Waltraud ist jedoch seit langem genervt von diesen Weihnachtsfeiern, die mal bei ihrem Sohn, mal bei ihrer Tochter stattfinden - aber zu denen sich die gesamte Familie einfindet.
Ein ganzes langes Jahr über fühlt sie sich fit und jung oder zumindest recht jung geblieben - nur an diesen Heiligabenden spürt sie auf einmal jeden Knochen, und ihr Herz rast, während die Augen einen trüben Blick aufs Geschehen haben.

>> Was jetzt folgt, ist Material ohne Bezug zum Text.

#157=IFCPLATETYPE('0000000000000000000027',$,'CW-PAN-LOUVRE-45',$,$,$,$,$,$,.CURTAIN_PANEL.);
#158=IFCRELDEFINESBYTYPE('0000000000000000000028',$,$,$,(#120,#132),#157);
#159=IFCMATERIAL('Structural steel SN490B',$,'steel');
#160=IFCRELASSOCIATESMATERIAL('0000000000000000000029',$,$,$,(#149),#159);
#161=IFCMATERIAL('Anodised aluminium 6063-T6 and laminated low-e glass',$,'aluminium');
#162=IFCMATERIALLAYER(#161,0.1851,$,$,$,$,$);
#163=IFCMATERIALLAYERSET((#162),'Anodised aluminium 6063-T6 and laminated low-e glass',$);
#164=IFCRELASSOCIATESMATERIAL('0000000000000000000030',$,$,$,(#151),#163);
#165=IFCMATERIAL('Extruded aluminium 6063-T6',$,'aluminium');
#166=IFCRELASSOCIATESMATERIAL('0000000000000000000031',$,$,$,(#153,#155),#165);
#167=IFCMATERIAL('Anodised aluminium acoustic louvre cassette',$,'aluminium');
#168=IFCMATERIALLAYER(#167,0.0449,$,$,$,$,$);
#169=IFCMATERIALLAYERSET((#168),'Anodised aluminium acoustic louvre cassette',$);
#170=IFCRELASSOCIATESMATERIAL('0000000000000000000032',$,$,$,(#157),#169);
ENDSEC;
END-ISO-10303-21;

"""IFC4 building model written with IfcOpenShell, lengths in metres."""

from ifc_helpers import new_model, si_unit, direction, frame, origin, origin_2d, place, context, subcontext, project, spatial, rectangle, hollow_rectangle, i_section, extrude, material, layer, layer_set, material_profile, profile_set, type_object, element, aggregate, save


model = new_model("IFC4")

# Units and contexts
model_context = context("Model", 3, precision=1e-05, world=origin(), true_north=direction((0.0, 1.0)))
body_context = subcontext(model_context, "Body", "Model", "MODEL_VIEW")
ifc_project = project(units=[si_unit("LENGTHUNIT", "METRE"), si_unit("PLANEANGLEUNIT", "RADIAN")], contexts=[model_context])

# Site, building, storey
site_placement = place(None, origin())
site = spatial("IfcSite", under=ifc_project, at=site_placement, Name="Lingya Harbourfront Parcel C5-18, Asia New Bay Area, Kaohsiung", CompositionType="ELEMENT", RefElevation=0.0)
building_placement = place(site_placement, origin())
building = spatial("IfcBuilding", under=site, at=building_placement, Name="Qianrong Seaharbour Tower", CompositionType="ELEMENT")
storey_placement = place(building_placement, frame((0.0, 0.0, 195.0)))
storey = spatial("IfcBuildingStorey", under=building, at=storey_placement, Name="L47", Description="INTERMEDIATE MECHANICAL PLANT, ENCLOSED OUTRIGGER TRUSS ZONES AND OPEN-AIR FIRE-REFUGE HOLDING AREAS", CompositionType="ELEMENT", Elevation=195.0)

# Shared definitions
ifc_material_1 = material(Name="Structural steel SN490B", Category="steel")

Noch einmal, denkt sie kurz vor Heiligabend, werde ich mir das antun. Aber diesmal ändere ich mein Verhalten. Einfach würde es nicht werden, in am Ende enttäuschte Gesichter gucken zu müssen, aber sie hatte es satt, nur ihrer Geschenke wegen gemocht zu werden - obwohl das natürlich ihre eigene Schuld war.
Waltraud setzte sich hin und unter vielen Mühen und mit bunter Wolle entstand ein schiefer Schal, den sie für ihre Schwiegertochter einpackte - und da sie schon mal dabei war, häkelte sie noch ein Tischdeckchen für ihre Tochter. Da steckte viel Liebe, aber wenig Können drin.
Für den Sohn verpackte sie ein altes Fotoalbum aus seiner Kindheit. In diesem Jahr würde er auf einen großzügigen Zuschuss zu seinem Luxusleben verzichten müssen. Der Schwiegersohn bereitete ihr ein paar schlaflose Nächte - aber dann war klar, was sie ihm schenken würde: Anstelle eines Schecks für sein kostenintensives Oldtimern-Hobby - würde er ein Jahres-Abo einer Oldtimer-Zeitschrift bekommen.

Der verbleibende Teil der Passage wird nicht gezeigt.